Table 1 - Sample database of Didsbury Jewish residents in 1905
* Area key: AP - Albert Park; WD - West Didsbury; W - Withington; D - Didsbury Sources: Manchester Trade Directories
Table 2 - Number of Jewish households identified in the Didsbury area
Sources: Census Enumerators' Books for 1891 and Manchester Trade Directories 1869-1914
Observation of Victorian houses shows that those in Didsbury were the most
prestigious compared to those in the neighbouring suburbs from which
numerous Jews had moved. The
Census Enumerators' Books
for 1891 show that the
majority of Didsbury Jews lived in large villas or palatial mansions set
in their own grounds and kept an average of three servants. In sharp
contrast, rows of terraced houses, situated in densely populated areas,
dominated the northern sector of the city’s Jewry. In 1871 over one third
of its occupants lived in the notorious ghetto area of
Red Bank, Cheetham Hill.
The directories show a marked
improvement in transport facilities in Didsbury with the opening in the
early 1880s of railway lines and horse-bus services (with electric trams
from 1902) running from
Didsbury to the city centre. This was likely to have influenced Jewish
settlement in the area as most Jewish residents worked in or near the city
centre. As the map in Appendix 4 shows, a large proportion of Jewish
settlement was in the Albert Park area which was a short walking distance
to the Withington & Albert Park Train Station on Lapwing Lane and the horse-bus terminus on Palatine Road, West Didsbury.
Educational opportunities in
particular appear to have drawn Jewish families to Didsbury. The
directories list a wealth of educational establishments in the area and
surrounding areas, and
Mr and Mrs 'A' stated (1996) that many
local Jewish children attended preparatory schools for entrance into the
local grammar schools. Mr
'A',
himself, attended the highly academic and prestigious Manchester Grammar School and his wife attended the
equivalent Withington Girls’ School.
A Biographical register of Old
Mancunians 1888-1951 confirms that numerous Jewish boys from Didsbury
gained entry into the
Manchester Grammar
School. Ephraim Ascoli, a Sephardi shipping merchant of
Wilmslow Road, for example, sent his four sons to the
school during the years 1894-1906. His second eldest son, Francis, became
the managing director of Dunlop Plantations Ltd. (MGS, 1965). Some
Manchester Grammar School pupils, such as Leonard Behrens (son of Gustav)
and Louis Rosenberg moved on to Manchester University (or Owens College as
it was known up to 1903) which was a short tram-ride from Didsbury.
This class indicator contrasts sharply with the education of the northern sector of the city. By the turn of the century The Jews School in Derby Street had a child population of 2,000 (Williams, 1988, p.63). Unlike the non-Jewish preparatory schools in Didsbury that placed emphasis on academic attainment, The Jews School ‘reflected working-class needs’ (Williams, 1976, p. 330). Girls were encouraged to develop domestic skills and the boys were prepared for apprenticeship schemes.

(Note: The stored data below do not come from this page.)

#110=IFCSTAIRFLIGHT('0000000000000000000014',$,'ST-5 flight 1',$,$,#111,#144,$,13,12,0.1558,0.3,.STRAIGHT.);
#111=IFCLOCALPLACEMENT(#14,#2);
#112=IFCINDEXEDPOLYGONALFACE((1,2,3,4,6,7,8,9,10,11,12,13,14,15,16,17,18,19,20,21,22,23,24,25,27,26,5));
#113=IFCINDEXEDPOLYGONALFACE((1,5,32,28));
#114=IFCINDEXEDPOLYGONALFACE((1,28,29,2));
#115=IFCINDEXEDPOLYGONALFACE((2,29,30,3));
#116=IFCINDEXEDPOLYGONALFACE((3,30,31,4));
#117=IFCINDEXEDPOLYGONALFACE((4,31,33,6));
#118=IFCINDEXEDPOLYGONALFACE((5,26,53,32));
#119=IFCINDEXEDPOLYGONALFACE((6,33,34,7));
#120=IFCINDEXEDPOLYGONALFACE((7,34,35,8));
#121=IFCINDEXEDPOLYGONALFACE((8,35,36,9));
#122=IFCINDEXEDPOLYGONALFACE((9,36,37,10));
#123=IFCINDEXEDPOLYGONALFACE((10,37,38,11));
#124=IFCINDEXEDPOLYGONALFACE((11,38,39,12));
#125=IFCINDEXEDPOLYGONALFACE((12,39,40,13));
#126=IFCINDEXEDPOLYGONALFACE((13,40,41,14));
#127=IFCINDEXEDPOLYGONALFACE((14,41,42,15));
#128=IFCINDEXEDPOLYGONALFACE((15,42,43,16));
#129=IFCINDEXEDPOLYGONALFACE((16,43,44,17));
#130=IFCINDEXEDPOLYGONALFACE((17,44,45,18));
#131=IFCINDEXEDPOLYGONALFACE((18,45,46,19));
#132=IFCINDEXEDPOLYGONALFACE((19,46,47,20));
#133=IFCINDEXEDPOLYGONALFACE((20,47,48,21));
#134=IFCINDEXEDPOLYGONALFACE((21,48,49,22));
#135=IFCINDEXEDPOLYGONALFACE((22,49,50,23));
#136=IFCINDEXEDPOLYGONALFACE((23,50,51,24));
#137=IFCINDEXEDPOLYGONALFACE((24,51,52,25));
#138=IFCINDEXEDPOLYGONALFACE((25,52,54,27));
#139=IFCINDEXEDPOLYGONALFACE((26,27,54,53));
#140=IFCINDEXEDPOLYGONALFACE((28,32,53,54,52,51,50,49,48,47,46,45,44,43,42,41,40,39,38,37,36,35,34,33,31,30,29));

In contrast to the occupations found in Williams’ research, of which 75% were working-class (Class 111 or IV) ‘immigrant’ trades (33% being tailors), the occupations and lifestyles of the Didsbury Jews indicate that 36% belonged to Class 1, 56% to Class 11 and only 8% to Class 111 of Armstrong’s classification. Only 5% of the Jews in William’s study belonged to Class 1 and 8% to Class 11; as little as 4% kept servants and 33% lived in Cheetham Hill’s ghetto area.
Table 3 - Occupations of the Didsbury Jews -1891-1914
Sources: Census Enumerators' Books for 1891 and Manchester Trade Directories 1891-1914
There is also a marked difference between the occupations of the Didsbury Jewish groups. The vast majority of Sephardim were cotton shipping merchants whereas a diversity of occupations, including professions, is evident amongst the Ashkenazim (see Table 3). Although I found no professional status amongst the Didsbury Jews from the directory and census data in 1891, by 1914 there were two physicians, one surgeon, one solicitor, one barrister and two engineers, all of whom were Ashkenazi Jews. Kirsten Beach has confirmed that the one solicitor cited, Frederick Oppenheim, practiced at the law firm Vaudrey, Oppenheim and Mellor on Oxford Street (Slater’s Directories 1903 and 1911) and it seems his father, Siegmund, was also connected to the firm as Justice of the Peace. To the Ashkenazim, it seems the security of professional status would have held more value over business prosperity since it cannot be taken from them through persecution from which their ancestors had previously fled. For those unable to afford the educational qualifications leading to a professional career, various businesses were established besides merchants. Mr 'A’s' father, for instance, built a successful retailing chain of men’s-wear retailers from 1905 which grew to nearly thirty branches nationwide.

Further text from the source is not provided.